L'apprentissage few-shot change la donne dans le secteur de la santé, notamment en imagerie médicale. Il peut aider les médecins à diagnostiquer des maladies rares en utilisant seulement quelques exemples, voire des descriptions, sans avoir besoin de grandes quantités de données. Cela s'avère particulièrement utile lorsque les données sont limitées, ce qui est souvent le cas car la collecte de vastes jeux de données pour des pathologies rares peut être complexe.

Par exemple, SHEPHERD utilise l'apprentissage few-shot et des graphes de connaissances biomédicales pour diagnostiquer des troubles génétiques rares. Il cartographie les informations des patients, telles que les symptômes et les résultats d'examens, sur un réseau de gènes et de maladies connus. Cela aide à identifier la cause génétique probable et à trouver des cas similaires, même lorsque les données sont limitées.

Le modèle SHEPHERD diagnostiquant des maladies rares à l'aide de données minimales

Fig 5. Le modèle Shepherd diagnostique des maladies rares avec un minimum de données.

Link to this sectionAméliorer la détection des maladies des plantes avec l'apprentissage zero-shot#

Dans l'agriculture, l'identification rapide des maladies des plantes est essentielle car les retards de détection peuvent entraîner des dommages étendus aux cultures, une baisse des rendements et des pertes financières importantes. Les méthodes traditionnelles reposent souvent sur de grands jeux de données et l'expertise humaine, qui ne sont pas toujours accessibles, notamment dans les zones reculées ou disposant de ressources limitées. C'est là que les avancées de l'IA, comme l'apprentissage zero-shot, entrent en jeu.

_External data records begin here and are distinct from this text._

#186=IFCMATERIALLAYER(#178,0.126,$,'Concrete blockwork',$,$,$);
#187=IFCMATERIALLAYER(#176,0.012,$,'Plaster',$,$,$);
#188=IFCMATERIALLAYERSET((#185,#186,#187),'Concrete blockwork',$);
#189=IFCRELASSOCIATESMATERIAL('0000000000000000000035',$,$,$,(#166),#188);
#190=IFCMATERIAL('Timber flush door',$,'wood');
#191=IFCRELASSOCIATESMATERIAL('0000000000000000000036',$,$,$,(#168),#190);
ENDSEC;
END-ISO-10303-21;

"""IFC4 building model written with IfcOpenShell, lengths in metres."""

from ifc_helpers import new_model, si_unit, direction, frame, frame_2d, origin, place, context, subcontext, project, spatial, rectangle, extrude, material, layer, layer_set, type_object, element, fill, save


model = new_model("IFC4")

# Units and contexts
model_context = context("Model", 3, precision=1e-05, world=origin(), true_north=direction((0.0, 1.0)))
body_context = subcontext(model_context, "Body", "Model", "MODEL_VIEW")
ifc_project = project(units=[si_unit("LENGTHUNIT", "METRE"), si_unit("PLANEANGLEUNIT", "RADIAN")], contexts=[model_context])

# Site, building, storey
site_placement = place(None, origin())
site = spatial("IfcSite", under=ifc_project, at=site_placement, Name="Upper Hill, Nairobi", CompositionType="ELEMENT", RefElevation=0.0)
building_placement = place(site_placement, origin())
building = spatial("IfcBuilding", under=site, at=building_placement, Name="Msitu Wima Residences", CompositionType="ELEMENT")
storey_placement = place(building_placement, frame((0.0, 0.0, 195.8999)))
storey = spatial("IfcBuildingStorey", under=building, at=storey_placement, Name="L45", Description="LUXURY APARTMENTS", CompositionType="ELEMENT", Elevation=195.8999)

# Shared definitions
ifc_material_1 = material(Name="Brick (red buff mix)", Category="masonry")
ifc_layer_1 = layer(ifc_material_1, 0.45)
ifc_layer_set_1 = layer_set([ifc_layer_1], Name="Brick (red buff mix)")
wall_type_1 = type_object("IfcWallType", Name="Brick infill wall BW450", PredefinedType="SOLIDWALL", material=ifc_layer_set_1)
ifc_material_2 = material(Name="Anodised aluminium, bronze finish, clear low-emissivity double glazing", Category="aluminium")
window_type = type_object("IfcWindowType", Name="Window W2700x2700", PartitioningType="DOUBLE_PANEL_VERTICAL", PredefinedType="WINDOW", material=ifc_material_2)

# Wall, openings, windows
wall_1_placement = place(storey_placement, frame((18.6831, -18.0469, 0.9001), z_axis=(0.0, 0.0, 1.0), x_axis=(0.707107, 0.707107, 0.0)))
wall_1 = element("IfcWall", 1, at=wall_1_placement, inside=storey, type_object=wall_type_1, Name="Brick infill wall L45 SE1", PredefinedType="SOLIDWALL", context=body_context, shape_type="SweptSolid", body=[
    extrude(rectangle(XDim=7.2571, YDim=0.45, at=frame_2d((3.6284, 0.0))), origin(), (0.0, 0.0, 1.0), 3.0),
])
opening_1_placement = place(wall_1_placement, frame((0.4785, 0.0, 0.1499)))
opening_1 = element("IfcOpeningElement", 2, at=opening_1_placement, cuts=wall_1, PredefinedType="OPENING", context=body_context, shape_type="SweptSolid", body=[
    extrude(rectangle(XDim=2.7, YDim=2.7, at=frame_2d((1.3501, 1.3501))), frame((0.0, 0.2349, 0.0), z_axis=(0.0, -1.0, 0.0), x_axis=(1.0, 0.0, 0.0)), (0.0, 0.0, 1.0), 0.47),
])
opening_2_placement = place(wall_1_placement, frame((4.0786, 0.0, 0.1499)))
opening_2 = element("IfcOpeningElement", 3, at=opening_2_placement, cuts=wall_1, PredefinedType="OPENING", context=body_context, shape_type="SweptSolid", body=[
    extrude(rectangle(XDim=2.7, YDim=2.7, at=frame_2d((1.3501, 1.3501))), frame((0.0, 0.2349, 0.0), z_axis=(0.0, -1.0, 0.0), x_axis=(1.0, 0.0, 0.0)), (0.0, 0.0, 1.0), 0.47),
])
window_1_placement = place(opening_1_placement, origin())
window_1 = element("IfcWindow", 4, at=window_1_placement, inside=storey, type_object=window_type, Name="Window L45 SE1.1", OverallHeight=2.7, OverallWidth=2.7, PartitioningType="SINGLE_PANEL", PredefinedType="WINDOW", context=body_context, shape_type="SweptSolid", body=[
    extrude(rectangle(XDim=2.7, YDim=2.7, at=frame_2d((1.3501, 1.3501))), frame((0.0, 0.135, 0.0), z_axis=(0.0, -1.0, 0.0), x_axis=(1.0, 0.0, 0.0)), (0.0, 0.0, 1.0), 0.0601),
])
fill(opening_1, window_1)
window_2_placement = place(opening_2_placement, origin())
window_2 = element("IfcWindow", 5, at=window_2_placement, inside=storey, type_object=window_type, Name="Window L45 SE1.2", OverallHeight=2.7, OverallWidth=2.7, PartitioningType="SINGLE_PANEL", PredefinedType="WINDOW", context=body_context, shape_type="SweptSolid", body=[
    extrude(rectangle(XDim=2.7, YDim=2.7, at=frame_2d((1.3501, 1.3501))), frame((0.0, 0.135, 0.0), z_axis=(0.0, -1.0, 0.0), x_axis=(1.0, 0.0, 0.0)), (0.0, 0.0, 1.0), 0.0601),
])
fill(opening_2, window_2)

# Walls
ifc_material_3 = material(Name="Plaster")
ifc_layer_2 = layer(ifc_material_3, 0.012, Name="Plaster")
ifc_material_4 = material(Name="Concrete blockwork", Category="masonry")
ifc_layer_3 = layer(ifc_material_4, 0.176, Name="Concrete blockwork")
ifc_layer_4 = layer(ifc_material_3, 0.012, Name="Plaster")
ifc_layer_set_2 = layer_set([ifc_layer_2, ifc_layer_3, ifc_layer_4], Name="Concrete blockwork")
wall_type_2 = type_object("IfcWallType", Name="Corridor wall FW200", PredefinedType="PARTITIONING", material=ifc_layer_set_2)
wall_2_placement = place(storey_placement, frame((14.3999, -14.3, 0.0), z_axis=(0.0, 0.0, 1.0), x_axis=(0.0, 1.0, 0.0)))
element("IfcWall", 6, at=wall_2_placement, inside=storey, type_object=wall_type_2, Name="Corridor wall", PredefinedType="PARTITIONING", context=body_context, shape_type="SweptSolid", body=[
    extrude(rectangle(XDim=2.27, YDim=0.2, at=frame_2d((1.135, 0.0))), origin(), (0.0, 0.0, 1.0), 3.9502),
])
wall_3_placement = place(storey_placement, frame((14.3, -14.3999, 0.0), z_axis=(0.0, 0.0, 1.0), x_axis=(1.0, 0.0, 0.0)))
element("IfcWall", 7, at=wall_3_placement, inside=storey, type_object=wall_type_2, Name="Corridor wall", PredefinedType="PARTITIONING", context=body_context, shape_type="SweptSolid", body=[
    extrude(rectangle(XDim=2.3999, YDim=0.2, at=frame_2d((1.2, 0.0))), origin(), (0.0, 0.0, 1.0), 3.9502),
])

Supposons qu'un agriculteur cultive des tomates et des pommes de terre et remarque des symptômes tels que le jaunissement des feuilles ou des taches brunes. L'apprentissage zero-shot peut aider à identifier des maladies comme le mildiou sans nécessiter de grands jeux de données. En utilisant des descriptions des symptômes, le modèle peut classifier des maladies qu'il n'a jamais vues auparavant. Cette approche est rapide, évolutive et permet aux agriculteurs de détecter une variété de problèmes phytosanitaires. Elle les aide à surveiller la santé des cultures plus efficacement, à agir à temps et à réduire les pertes.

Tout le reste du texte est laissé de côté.